Our intrepid candidate went on to say that she had not yet been paid—some incredibly substandard wage—and that her employer had recently contacted her to do another conference two weeks hence.  She must have seen the incredulous look in my eyes and hastened to say she would not do it unless she was paid for the prior work by the day before the new assignment I only nodded, and asked her if she knew the subject matter for the new conference and what colleague she would be working with. She did not know and could not have cared less. Her only concern was being paid for the first assignment.

That, dear readers, is the seamy side of the current economy. It’s myopically penny-wise and pound-foolish. In one case, the insurance company is paying this  “interpreter” more than trained certified interpreters for something she cannot do properly. I assume her employer does not know either the cost for said service nor the quality he is getting. In the other, this same “interpreter” is paid peanuts to do something she most definitely cannot do. The language company that hired her is getting cheap labor to secure the bid, and the final user is wasting his money, not to mention the time of the attendees, but in this second scenario everybody thinks  he is nominally “saving” money.

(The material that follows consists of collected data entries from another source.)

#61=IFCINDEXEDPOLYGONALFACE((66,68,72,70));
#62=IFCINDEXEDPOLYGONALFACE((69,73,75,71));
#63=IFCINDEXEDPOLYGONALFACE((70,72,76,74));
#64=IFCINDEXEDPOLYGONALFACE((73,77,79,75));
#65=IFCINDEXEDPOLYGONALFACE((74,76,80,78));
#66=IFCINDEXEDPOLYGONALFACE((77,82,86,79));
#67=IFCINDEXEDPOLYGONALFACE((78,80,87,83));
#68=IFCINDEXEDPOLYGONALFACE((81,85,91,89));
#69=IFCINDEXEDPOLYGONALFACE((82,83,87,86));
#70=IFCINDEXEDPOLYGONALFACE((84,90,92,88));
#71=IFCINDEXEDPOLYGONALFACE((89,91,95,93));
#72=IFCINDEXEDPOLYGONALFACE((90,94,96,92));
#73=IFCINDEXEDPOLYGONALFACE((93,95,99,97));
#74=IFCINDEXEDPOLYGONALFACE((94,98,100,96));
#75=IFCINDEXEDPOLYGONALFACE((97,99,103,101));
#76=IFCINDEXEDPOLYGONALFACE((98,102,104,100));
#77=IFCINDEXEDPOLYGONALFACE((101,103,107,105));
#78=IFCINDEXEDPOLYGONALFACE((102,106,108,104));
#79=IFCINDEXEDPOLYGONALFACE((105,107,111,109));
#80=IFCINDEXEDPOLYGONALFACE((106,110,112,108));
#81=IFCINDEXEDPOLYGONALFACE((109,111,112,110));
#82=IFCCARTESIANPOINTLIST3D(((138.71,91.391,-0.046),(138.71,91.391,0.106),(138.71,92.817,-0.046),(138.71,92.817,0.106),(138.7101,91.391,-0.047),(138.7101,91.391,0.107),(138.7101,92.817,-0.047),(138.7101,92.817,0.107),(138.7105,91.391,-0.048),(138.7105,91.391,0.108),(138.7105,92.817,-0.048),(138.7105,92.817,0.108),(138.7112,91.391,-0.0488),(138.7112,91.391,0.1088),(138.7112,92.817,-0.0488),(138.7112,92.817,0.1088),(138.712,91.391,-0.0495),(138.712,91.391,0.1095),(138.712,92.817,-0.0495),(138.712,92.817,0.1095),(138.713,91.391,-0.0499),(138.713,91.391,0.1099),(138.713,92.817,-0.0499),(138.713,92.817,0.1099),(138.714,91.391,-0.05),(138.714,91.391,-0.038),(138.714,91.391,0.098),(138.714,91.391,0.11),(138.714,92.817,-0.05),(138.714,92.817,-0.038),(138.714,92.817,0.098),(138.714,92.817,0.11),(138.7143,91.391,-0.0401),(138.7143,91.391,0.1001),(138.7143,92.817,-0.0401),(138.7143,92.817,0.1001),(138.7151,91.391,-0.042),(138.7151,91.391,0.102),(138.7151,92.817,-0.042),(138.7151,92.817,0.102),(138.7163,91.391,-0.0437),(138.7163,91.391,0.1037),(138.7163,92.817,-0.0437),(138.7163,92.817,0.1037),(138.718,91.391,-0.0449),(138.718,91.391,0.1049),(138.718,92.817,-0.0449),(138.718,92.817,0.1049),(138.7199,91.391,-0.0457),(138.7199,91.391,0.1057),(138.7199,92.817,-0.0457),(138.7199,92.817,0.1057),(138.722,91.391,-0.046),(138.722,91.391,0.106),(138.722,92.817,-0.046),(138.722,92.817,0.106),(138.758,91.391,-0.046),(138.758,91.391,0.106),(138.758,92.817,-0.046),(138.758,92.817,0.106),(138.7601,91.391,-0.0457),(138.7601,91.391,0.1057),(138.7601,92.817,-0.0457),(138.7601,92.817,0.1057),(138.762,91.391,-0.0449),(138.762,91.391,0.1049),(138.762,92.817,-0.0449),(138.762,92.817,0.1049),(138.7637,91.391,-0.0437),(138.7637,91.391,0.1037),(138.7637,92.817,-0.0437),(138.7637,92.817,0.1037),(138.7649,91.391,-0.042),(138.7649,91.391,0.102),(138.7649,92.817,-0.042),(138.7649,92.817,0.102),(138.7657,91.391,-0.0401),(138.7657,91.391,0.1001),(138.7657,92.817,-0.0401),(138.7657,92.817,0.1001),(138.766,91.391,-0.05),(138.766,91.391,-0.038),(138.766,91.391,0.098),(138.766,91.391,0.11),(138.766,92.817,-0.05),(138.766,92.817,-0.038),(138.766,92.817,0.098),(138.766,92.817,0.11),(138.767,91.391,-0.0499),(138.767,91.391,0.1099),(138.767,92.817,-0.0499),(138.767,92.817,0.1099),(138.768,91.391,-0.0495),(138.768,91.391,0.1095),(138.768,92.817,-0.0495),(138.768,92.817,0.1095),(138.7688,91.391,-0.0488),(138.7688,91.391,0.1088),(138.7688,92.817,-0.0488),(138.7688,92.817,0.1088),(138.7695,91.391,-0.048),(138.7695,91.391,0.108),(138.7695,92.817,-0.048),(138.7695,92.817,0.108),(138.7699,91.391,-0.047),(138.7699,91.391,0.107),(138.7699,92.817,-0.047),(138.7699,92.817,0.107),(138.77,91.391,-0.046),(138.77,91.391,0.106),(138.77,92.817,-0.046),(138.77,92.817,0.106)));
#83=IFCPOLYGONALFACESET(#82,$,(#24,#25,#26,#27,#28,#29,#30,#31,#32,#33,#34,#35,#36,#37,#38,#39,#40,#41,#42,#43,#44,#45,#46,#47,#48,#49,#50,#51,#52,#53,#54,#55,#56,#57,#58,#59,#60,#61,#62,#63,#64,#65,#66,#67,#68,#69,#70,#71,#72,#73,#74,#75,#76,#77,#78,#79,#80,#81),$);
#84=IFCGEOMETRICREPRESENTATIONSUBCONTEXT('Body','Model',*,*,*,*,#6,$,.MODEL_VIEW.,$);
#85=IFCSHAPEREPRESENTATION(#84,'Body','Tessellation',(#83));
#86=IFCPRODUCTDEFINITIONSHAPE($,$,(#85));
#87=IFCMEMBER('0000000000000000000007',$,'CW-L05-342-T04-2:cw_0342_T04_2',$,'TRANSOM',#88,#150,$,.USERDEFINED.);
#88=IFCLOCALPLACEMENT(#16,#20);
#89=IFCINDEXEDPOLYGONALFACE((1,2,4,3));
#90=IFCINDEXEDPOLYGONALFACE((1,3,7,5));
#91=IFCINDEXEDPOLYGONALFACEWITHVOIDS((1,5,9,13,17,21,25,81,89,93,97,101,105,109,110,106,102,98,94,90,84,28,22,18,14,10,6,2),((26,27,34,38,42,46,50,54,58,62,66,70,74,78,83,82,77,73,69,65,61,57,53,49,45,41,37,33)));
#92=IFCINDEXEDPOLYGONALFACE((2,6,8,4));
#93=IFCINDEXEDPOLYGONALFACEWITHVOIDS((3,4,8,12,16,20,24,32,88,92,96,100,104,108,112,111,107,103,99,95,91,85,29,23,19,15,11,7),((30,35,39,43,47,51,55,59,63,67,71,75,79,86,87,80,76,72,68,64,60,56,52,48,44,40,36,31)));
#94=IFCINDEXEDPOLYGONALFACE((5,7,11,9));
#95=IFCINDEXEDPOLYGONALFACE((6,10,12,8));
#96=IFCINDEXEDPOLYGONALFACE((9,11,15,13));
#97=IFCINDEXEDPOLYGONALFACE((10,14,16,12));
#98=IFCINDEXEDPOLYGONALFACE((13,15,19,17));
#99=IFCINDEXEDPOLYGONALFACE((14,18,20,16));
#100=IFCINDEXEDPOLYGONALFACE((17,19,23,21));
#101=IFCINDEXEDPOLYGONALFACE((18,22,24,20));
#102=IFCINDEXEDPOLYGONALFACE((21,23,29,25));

This is one little example I happened to witness in my field, of  the type of practices that are keeping us in a vicious circle and that will not help us come out of our economic doldrums. And it seems to not be an isolated instance. I have been told by several familiar with this situation in our state, that many end users are foregoing their historical language providers in search of bilinguals who may be able to do the job for less. The only way to grow the economy is by adding value to our offerings doing whatever is needed to improve our skills and in tandem, encouraging the entrepreneurs in our midst to create jobs for us, which role is more important than that  of the often touted innovators according to Gallup research.  All of us working together will lead the way out of this lost decade.